Get-rich-quick schemes never work. I mean, you could get lucky and hit the jackpot with some ridiculous penny stock or hitherto-unknown cryptocurrency, but you might as well just buy a lottery ticket instead. That's gambling, not investing.

Buying top-quality stocks and holding them for several decades, on the other hand, can give you life-changing returns. All you need is a handful of companies built for truly long-term success and a little bit of patience. OK, a lot of patience. But let me assure you that the wealth-building gains are worth it.

A $10,000 investment in the stock market, as a whole, as tracked by the S&P 500 market index over 50 years, would have grown into $338,000 today. Direct ownership of market-beating stocks unlocks even stronger gains in the long run. For example, a $10,000 investment in consumer goods giant Procter & Gamble 50 years ago would be worth $393,000 today. Soft drink veteran PepsiCo turned the same investment into a spine-tingling $814,000.

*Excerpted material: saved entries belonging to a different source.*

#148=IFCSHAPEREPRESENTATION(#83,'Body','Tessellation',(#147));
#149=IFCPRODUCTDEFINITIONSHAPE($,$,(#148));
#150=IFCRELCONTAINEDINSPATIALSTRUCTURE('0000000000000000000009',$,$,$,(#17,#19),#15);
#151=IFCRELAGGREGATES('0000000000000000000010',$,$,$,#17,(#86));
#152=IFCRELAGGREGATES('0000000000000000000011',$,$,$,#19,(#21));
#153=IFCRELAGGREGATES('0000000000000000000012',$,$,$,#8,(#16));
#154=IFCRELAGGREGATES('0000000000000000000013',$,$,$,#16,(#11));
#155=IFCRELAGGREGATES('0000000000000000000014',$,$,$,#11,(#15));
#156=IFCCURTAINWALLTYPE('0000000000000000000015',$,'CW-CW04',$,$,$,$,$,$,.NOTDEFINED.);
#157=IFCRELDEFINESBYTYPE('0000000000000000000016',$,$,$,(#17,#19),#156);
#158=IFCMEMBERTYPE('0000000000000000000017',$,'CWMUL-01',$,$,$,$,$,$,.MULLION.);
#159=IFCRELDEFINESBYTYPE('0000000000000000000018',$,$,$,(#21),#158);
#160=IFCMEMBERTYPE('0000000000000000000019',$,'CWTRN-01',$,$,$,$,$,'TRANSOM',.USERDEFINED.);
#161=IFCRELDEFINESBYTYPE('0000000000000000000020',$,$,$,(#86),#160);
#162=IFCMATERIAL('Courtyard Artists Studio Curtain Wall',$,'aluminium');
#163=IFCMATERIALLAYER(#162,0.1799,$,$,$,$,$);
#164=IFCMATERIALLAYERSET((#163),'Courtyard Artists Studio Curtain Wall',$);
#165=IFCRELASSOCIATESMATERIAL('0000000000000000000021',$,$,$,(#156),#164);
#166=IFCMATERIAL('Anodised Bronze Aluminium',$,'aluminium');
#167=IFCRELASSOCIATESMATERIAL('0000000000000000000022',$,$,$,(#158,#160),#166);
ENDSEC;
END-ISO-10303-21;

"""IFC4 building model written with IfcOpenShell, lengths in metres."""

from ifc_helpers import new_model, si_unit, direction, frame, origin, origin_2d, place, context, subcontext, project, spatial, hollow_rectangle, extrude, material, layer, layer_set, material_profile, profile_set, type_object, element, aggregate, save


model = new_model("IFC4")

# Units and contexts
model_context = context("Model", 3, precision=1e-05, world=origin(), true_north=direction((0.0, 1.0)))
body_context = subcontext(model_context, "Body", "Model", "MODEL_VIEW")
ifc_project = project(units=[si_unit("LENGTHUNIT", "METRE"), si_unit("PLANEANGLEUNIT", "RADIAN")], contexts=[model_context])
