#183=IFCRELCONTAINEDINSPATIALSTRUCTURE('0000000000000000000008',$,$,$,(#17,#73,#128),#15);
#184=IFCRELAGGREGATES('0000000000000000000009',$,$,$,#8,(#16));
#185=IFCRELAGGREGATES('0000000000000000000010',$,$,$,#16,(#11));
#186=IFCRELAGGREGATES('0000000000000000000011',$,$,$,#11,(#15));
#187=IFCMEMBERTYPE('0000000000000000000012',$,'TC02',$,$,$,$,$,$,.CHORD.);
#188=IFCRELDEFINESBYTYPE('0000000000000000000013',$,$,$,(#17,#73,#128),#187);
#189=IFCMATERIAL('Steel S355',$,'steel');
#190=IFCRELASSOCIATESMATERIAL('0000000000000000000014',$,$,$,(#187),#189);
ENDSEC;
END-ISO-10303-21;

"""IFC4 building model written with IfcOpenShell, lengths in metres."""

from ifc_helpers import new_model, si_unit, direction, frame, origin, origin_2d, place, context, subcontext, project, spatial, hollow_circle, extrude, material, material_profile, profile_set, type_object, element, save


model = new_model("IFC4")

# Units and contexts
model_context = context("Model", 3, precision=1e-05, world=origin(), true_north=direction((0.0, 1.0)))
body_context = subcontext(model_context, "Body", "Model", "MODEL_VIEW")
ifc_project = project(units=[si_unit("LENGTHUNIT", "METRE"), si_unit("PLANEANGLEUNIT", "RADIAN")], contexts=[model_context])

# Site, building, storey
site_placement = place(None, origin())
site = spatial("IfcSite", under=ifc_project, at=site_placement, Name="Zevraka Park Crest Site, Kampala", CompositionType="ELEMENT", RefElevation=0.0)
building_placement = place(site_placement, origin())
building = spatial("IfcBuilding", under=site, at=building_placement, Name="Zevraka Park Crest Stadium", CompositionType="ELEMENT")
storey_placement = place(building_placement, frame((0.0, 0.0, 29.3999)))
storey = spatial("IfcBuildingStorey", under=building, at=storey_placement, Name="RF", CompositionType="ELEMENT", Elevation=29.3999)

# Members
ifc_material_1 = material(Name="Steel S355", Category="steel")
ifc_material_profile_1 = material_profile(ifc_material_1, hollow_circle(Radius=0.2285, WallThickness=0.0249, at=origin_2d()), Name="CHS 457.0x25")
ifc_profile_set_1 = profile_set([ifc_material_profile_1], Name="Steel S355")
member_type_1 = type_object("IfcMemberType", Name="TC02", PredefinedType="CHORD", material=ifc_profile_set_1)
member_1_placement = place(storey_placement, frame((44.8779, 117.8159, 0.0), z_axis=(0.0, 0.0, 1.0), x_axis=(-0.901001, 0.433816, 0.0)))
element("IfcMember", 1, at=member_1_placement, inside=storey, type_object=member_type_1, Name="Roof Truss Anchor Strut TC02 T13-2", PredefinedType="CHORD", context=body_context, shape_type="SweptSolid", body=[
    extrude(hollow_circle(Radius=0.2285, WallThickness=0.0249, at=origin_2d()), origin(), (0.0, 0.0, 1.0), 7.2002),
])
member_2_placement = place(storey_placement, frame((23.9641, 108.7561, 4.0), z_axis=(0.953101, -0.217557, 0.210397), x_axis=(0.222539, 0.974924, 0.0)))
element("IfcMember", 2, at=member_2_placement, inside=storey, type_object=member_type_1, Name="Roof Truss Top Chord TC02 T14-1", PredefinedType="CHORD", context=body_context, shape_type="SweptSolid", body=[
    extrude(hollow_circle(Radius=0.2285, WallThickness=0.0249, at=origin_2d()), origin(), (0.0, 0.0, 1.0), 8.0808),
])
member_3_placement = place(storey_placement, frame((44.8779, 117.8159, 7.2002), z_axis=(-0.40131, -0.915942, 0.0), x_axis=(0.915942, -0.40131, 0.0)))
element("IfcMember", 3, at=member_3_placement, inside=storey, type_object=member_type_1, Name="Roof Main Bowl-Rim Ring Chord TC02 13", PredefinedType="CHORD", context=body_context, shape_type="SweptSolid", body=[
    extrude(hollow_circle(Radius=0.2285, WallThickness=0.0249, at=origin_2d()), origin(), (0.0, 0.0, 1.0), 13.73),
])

Here are two stocks that should beat the market over the next five decades, as Pepsi and P&G did in the last half-century.

An hourglass stands next to a few piles of coins under a spotlight in an otherwise dark scene.

Image source: Getty Images.

A-B-C, as easy as 1-2-3

Alphabet (GOOG -1.30%) (GOOGL -1.21%), the company formerly known as Google, is built for long-term success. If I had to liquidate my entire portfolio and pick only one stock to replace it all, this would be it. To be specific, I'd pick the Class A voting stock (GOOGL) out of an unstoppable urge to make my minuscule voice heard as a shareholder, but voteless Class C shares would be just as good from a pure moneymaking perspective.

Whichever share class you pick, Alphabet will remain a healthy, growing business in 50 years. Google might be a long-forgotten chapter in Alphabet's past by then, but other business ideas will have taken the internet search-engine's place.

The company is willing and able to adapt as the business world changes over time. That aspiration goes far beyond managing Android, the world's largest mobile computing platform. So far, Alphabet's long-term growth ideas include self-driving cars, drone delivery services, artificial intelligence, and balloon-based wireless broadband services. Alphabet's medical-science projects include robotic surgery, bioelectronic medicines, and "tackling aging" in humans.

This is exactly the kind of forward-thinking flexibility I want to see in my long-term investment vehicles. The world will change dramatically in the next 50 years, and nobody knows exactly what we'll get. But Alphabet will bob and weave along with the evolving market, often leading the way while following other secular trends. Investors who pick up a few shares today will see market-stomping returns for many decades to come.

A red Netflix logo on a white background with the tagline See What's Next in black.

Image source: Netflix.

See what's next

Netflix (NFLX 1.46%) might seem like an odd choice for a discussion about long-term buy and hold opportunities. The digital video-streaming veteran is more of an explosive growth stock today, having grown its revenues at an annual clip of 30% over the last five years. The stock trades at a nosebleed-inducing 110 times trailing earnings, Netflix expects free cash flows to stay negative for a couple more years, and the video-streaming sector is packed with fresh competition from winning names like Walt Disney and Comcast.

The stock is surely headed toward a dramatic plunge in the near future, right? That's hardly a good way to deliver shareholder value for the long term.

So here's the deal. If Netflix wanted to impress traditional value investors with some positive cash flows, it could do so right away. Just tap the brakes on content-production projects, pull back the marketing budget by a few percent, and take advantage of the Netflix service's proven pricing power by raising subscription fees little by little. Easy peasy. The cash will start to roll in, starting in the next quarterly report -- at the expense of dramatically lower subscriber additions and top-line revenue growth. 

That day will come, but Netflix is still focused on growing its subscriber base as quickly as possible while building a valuable catalog of high-quality Netflix Originals. Free cash flows will move closer to breakeven over the next couple of years, followed by a long period of strong cash generation. Meanwhile, Netflix will continue to increase its investment in original content.

Like Alphabet, Netflix doesn't mind changing its business model as the market evolves. The company already dominated the video-rental sector, crushing all comers under those once-ubiquitous red DVD mailers, only to effectively abandon that market in favor of a global video-streaming platform. Then, Netflix found out that original content breeds stronger growth and deeper customer loyalty than second-run shows licensed from other studios -- so the company is turning into an award-winning TV and movie studio before our eyes.

I don't know exactly how Netflix will develop over the next five decades, but I'm sure that the company will be a cross-sector media conglomerate by then, much like the Disney empire you see today. Netflix is investing lots of borrowed cash today in order to build the largest and most effective cash machine possible for the long haul. Patient investors will make a fortune with this stock in the long run.